I was in a pub after 4 pints of Winter Warmer!
 

rh100

Well-Known Member
XmisterIS said:
rentokil%20rat%20trap.jpg



Use chocolate drops or peanut butter.

That's what we used - very powerful when they go (you normally find the trap and attached mouse a good few inches away from where it was set)

The best bait we found was bits of Cadburys Chocolate Fingers.

Set the traps around at right angles to the skirting boards - apparently they run along the edges of the room.

Beware of fleas when you dispose of them.

We tried the humane ones but didn't work for us, so resorted to above.
 

Sam Kennedy

New Member
Location
Newcastle
Don't get cheap mouse/rat raps (Mouse Trap Shaped Object?)

My Dad made that mistake, setting them up was awkward and he nearly had his finger taken off!
 

GavinB

New Member
orienteer said:
Before getting the plug-in repeller, I used glue traps.
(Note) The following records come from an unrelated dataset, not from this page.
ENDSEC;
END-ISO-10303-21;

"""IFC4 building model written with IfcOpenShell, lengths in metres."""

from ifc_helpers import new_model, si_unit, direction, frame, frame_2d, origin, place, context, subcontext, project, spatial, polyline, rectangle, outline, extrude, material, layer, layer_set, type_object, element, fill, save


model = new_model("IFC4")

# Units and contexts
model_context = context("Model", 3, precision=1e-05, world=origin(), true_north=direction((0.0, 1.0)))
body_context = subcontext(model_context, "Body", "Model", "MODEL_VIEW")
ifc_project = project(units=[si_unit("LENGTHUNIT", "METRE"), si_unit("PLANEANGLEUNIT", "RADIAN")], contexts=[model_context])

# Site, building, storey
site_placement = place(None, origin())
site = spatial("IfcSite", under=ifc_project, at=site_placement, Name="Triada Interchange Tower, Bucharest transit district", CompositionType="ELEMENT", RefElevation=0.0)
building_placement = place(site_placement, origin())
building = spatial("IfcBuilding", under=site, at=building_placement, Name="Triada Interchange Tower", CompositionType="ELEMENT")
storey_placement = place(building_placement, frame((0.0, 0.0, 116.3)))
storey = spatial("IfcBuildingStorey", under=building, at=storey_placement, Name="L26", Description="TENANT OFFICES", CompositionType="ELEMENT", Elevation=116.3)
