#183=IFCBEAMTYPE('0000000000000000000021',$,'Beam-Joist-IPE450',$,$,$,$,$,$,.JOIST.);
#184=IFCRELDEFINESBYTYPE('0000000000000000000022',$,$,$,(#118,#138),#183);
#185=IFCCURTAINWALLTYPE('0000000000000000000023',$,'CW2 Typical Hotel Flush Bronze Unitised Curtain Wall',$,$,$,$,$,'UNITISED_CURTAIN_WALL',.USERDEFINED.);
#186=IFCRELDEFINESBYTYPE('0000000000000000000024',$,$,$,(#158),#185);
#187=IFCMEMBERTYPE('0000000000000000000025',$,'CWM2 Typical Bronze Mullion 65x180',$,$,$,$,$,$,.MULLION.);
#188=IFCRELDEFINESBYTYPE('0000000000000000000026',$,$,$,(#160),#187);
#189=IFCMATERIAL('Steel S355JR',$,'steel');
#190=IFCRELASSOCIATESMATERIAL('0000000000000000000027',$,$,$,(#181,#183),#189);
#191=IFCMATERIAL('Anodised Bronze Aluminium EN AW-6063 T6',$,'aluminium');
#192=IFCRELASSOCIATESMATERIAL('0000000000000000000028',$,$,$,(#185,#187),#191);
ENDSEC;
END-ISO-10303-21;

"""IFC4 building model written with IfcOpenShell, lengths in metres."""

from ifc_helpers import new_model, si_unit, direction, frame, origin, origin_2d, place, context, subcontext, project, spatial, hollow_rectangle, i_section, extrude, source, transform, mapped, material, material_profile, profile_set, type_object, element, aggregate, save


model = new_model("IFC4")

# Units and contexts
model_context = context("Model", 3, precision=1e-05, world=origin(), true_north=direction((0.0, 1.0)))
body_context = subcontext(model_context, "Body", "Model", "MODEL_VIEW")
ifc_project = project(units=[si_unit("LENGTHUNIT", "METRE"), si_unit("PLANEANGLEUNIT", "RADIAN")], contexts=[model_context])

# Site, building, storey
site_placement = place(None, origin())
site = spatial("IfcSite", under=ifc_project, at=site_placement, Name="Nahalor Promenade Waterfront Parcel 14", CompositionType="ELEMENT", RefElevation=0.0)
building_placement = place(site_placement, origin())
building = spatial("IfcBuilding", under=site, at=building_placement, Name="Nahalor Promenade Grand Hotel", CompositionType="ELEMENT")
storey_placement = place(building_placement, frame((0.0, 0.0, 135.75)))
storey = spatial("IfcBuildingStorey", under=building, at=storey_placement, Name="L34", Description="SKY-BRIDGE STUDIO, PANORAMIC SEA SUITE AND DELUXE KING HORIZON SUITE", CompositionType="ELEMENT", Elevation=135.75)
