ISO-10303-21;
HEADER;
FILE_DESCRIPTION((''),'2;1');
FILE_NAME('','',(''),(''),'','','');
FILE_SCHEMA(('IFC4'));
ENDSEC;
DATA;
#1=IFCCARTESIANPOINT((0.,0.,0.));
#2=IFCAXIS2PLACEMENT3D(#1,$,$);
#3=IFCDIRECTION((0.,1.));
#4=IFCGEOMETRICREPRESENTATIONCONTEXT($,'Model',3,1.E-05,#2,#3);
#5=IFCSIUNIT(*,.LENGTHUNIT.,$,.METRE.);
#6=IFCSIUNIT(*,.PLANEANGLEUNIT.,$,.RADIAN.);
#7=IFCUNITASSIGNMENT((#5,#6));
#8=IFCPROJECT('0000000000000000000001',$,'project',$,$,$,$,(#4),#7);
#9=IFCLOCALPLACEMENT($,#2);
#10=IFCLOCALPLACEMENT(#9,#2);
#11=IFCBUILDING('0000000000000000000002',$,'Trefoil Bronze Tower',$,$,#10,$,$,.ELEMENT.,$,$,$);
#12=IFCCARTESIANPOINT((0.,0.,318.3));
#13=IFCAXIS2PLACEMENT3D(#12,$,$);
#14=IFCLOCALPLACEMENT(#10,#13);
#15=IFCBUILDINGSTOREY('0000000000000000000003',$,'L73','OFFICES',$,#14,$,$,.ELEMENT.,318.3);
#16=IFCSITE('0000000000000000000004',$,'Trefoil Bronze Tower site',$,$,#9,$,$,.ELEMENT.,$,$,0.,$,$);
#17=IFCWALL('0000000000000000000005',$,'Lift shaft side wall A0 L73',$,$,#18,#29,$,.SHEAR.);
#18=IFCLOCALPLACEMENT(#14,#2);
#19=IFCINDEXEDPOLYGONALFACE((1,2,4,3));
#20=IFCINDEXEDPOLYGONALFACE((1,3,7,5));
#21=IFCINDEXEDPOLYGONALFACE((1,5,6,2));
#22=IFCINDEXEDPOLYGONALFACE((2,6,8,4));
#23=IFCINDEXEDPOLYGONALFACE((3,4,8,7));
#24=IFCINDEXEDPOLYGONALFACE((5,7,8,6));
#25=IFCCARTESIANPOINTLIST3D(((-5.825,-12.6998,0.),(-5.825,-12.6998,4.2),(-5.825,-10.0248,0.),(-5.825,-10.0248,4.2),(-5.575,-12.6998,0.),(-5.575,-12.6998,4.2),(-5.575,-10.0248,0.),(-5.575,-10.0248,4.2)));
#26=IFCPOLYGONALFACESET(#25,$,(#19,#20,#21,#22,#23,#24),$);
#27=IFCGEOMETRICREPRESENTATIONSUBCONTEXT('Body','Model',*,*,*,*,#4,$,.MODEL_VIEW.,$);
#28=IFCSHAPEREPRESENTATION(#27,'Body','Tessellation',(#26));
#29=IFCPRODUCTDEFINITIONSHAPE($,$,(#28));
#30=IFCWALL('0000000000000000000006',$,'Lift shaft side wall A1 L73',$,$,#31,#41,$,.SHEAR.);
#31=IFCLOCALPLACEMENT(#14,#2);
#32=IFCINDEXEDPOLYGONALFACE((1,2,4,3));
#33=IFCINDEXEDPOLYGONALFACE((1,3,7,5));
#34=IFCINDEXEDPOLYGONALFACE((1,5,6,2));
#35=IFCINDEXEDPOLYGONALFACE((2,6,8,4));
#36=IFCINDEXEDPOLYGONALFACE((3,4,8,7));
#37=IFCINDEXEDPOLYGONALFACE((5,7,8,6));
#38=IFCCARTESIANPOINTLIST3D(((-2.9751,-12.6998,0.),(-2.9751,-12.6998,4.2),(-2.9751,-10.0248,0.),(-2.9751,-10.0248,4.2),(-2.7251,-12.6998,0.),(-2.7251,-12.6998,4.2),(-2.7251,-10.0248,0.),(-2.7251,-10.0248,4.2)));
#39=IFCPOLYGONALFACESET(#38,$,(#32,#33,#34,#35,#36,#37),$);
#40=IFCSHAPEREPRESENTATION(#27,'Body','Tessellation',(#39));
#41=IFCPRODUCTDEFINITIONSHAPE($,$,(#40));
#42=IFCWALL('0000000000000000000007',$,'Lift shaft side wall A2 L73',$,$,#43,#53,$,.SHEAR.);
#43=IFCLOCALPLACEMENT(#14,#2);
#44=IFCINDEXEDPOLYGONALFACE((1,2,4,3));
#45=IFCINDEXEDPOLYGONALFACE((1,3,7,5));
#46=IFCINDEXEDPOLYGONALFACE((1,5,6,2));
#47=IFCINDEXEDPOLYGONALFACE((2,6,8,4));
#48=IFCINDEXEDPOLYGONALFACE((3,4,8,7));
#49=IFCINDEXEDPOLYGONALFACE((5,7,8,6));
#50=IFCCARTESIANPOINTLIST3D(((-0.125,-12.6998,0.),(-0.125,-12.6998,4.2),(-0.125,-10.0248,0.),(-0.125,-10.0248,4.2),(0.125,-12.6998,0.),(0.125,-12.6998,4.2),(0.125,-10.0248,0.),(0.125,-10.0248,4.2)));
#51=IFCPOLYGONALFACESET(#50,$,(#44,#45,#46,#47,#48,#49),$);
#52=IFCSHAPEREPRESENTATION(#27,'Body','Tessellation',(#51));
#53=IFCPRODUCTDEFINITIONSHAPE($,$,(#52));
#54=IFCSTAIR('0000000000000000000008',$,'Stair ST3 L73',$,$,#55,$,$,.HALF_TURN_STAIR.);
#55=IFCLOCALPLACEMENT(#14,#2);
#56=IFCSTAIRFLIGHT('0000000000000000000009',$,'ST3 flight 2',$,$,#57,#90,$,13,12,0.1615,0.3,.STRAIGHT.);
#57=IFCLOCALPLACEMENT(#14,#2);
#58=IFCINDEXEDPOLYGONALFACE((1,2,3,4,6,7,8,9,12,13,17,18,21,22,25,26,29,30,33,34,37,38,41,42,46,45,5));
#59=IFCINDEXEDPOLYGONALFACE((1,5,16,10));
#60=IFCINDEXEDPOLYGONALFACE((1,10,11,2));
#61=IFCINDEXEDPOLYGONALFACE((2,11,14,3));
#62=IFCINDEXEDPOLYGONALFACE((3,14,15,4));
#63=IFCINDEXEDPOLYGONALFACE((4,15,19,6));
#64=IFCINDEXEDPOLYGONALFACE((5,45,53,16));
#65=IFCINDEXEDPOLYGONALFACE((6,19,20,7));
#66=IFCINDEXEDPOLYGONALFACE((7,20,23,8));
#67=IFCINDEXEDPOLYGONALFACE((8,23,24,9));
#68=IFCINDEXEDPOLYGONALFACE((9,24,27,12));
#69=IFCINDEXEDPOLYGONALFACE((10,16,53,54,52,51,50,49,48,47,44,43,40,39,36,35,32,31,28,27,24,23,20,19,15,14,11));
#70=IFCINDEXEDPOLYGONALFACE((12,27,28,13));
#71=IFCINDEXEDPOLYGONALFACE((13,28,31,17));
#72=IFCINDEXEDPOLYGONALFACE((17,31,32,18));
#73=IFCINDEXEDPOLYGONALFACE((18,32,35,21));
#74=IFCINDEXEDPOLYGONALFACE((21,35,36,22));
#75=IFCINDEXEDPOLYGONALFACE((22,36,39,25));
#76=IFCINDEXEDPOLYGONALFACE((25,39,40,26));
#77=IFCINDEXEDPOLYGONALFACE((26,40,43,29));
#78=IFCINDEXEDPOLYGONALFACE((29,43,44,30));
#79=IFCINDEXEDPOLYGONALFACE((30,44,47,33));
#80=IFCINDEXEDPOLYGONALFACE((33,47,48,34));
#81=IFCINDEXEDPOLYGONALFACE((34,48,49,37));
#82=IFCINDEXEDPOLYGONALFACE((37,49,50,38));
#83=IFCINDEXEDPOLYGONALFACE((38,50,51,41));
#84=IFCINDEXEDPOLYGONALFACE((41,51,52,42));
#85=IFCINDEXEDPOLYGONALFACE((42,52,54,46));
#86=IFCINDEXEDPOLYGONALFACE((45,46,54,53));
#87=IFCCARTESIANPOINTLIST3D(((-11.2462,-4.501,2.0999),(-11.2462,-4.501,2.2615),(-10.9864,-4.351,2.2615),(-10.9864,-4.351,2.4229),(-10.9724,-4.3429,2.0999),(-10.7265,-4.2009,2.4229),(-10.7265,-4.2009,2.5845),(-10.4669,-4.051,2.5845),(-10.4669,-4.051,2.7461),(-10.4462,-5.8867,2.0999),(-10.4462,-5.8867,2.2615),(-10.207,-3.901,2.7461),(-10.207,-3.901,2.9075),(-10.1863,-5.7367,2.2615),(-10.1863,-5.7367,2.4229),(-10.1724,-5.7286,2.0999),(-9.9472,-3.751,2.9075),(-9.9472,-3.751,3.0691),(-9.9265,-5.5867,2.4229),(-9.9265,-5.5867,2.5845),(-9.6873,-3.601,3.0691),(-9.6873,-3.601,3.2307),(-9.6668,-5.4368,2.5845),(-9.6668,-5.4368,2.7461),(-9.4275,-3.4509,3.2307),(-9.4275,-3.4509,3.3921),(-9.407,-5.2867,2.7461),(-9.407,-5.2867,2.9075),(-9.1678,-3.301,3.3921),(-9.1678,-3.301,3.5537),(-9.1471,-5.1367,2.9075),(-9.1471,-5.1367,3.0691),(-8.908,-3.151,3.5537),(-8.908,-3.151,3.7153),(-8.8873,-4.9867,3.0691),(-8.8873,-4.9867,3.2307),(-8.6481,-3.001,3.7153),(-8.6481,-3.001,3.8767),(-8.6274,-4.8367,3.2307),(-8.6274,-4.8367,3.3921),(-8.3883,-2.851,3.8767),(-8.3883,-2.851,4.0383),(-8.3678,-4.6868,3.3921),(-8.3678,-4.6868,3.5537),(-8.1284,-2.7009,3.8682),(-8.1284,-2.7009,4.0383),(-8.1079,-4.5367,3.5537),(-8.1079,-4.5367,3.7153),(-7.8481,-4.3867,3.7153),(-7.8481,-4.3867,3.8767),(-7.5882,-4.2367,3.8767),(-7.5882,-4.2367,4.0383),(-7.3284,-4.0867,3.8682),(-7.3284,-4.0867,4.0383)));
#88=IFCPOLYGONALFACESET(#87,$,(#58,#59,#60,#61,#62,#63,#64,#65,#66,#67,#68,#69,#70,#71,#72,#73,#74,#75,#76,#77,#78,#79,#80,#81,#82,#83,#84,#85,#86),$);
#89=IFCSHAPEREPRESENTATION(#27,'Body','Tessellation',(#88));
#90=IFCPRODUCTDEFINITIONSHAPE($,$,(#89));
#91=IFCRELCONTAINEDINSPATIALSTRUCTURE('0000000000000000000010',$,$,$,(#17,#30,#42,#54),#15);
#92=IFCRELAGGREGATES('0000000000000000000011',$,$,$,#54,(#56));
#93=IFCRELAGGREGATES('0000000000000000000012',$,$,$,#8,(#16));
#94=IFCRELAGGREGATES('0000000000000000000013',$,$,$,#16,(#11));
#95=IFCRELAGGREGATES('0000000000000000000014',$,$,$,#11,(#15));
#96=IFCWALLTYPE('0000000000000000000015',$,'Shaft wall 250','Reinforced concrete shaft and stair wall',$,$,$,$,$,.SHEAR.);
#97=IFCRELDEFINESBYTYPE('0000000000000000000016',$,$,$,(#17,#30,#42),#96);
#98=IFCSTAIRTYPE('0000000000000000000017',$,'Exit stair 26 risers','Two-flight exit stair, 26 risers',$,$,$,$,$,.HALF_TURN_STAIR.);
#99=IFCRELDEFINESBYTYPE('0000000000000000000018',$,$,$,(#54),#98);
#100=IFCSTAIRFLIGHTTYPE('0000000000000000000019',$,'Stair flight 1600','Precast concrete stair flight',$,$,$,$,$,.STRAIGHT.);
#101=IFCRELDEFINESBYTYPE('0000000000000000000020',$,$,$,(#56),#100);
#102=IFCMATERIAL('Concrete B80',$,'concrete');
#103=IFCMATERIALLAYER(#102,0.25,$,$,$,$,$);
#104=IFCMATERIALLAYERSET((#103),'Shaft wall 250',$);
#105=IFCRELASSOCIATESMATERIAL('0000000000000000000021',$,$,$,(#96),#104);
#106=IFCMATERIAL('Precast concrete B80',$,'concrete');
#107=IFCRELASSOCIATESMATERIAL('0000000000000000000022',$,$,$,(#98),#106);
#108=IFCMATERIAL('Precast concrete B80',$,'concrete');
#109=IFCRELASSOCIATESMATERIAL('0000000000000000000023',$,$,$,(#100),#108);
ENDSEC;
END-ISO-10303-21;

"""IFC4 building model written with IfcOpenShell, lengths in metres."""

from ifc_helpers import new_model, si_unit, direction, frame, frame_2d, origin, place, context, subcontext, project, spatial, polyline, rectangle, outline, extrude, material, layer, layer_set, type_object, element, aggregate, save


model = new_model("IFC4")

# Units and contexts
model_context = context("Model", 3, precision=1e-05, world=origin(), true_north=direction((0.0, 1.0)))
body_context = subcontext(model_context, "Body", "Model", "MODEL_VIEW")
ifc_project = project(units=[si_unit("LENGTHUNIT", "METRE"), si_unit("PLANEANGLEUNIT", "RADIAN")], contexts=[model_context])

# Site, building, storey
site_placement = place(None, origin())
site = spatial("IfcSite", under=ifc_project, at=site_placement, Name="Trefoil Bronze Tower site", CompositionType="ELEMENT", RefElevation=0.0)
building_placement = place(site_placement, origin())
building = spatial("IfcBuilding", under=site, at=building_placement, Name="Trefoil Bronze Tower", CompositionType="ELEMENT")
storey_placement = place(building_placement, frame((0.0, 0.0, 318.3)))
storey = spatial("IfcBuildingStorey", under=building, at=storey_placement, Name="L73", Description="OFFICES", CompositionType="ELEMENT", Elevation=318.3)

# Shared definitions
ifc_material_1 = material(Name="Concrete B80", Category="concrete")
ifc_layer_1 = layer(ifc_material_1, 0.25)
ifc_layer_set_1 = layer_set([ifc_layer_1], Name="Shaft wall 250")
wall_type_1 = type_object("IfcWallType", Name="Shaft wall 250", Description="Reinforced concrete shaft and stair wall", PredefinedType="SHEAR", material=ifc_layer_set_1)

# Walls
for number, where, z_axis, x_axis, name in (
    (1, (-5.7, -10.0249, 0.0), (0.0, 0.0, 1.0), (0.0, -1.0, 0.0), "Lift shaft side wall A0 L73"),
    (2, (-2.8501, -10.0249, 0.0), (0.0, 0.0, 1.0), (0.0, -1.0, 0.0), "Lift shaft side wall A1 L73"),
    (3, (0.0, -10.0249, 0.0), (0.0, 0.0, 1.0), (0.0, -1.0, 0.0), "Lift shaft side wall A2 L73"),
):
    element("IfcWall", number, at=place(storey_placement, frame(where, z_axis=z_axis, x_axis=x_axis)), inside=storey, type_object=wall_type_1, Name=name, PredefinedType="SHEAR", context=body_context, shape_type="SweptSolid", body=[
        extrude(rectangle(XDim=2.675, YDim=0.25, at=frame_2d((1.3374, 0.0))), origin(), (0.0, 0.0, 1.0), 4.2),
    ])

# Stair, stair flight
ifc_material_2 = material(Name="Precast concrete B80", Category="concrete")
stair_type = type_object("IfcStairType", Name="Exit stair 26 risers", Description="Two-flight exit stair, 26 risers", PredefinedType="HALF_TURN_STAIR", material=ifc_material_2)
stair_placement = place(storey_placement, origin())
stair = element("IfcStair", 4, at=stair_placement, inside=storey, type_object=stair_type, Name="Stair ST3 L73", PredefinedType="HALF_TURN_STAIR")
ifc_material_3 = material(Name="Precast concrete B80", Category="concrete")
stair_flight_type = type_object("IfcStairFlightType", Name="Stair flight 1600", Description="Precast concrete stair flight", PredefinedType="STRAIGHT", material=ifc_material_3)
stair_flight_placement = place(storey_placement, frame((-10.8462, -5.1938, 2.0999), z_axis=(0.0, 0.0, 1.0), x_axis=(0.866025, 0.5, 0.0)))
stair_flight = element("IfcStairFlight", 5, at=stair_flight_placement, type_object=stair_flight_type, Name="ST3 flight 2", NumberOfRisers=13, NumberOfTreads=12, PredefinedType="STRAIGHT", RiserHeight=0.1615, TreadLength=0.3, context=body_context, shape_type="SweptSolid", body=[
    extrude(outline(polyline([(0.0, 0.0), (0.0, 0.1616), (0.3, 0.1616), (0.3, 0.323), (0.6001, 0.323), (0.6001, 0.4846), (0.8999, 0.4846), (0.8999, 0.6462), (1.2, 0.6462), (1.2, 0.8076), (1.5, 0.8076), (1.5, 0.9692), (1.8, 0.9692), (1.8, 1.1309), (2.1001, 1.1309), (2.1001, 1.2922), (2.3999, 1.2922), (2.3999, 1.4539), (2.7, 1.4539), (2.7, 1.6155), (3.0, 1.6155), (3.0, 1.7769), (3.3, 1.7769), (3.3, 1.9385), (3.6001, 1.9385), (3.6001, 2.1001), (3.6001, 1.7683), (0.3162, 0.0), (0.0, 0.0)])), frame((0.0, 0.8, 0.0), z_axis=(0.0, -1.0, 0.0), x_axis=(1.0, 0.0, 0.0)), (0.0, 0.0, 1.0), 1.6001),
])
aggregate(stair, [stair_flight])

save(model, "model.ifc")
Sounds cruel, but must be more humane than poison, and they just lie still and starve to death within hours.

Glue traps aren't more humane than poison. They struggle so violently on them that they pull their skin off and break limbs. Glue traps should be banned, they are the perfect metaphor of how badly humans can mistreat those lower than them on the chain. Dreadful things. They also encourage disease because they'll poop and pee all over the trap, since they'll be frightened. The trap instructions tell you to simply throw the animal into the bin.

You let them starve to death, instead of just killing them outright? That'd be misuse of any trap, how utterly barbaric of you.
 

GavinB

New Member
orienteer said:
Humane traps are pointless, letting them go means they return or go to someone else's house.

They're not because they solve the problem you are facing. Plus, you don't even know if they'll go to someone else's house. Like you'd care anyway...
 

GavinB

New Member
I'm surprised people mention poison. Not only will it potentially kill the mouse within your walls (making a horrible smell), but it might poison other animals. Sometimes it's the only way though... at least it's better than glue traps.

Is bleeding to death internally really that painful? I mean, by the time it gets to that stage, you'd lose so much blood that you'd effectively be unconscious or in shock. If it is painful, why can't it have a numbing agent to soothe the pain? Oh, they're "only mice" and it might cost a little more, eh?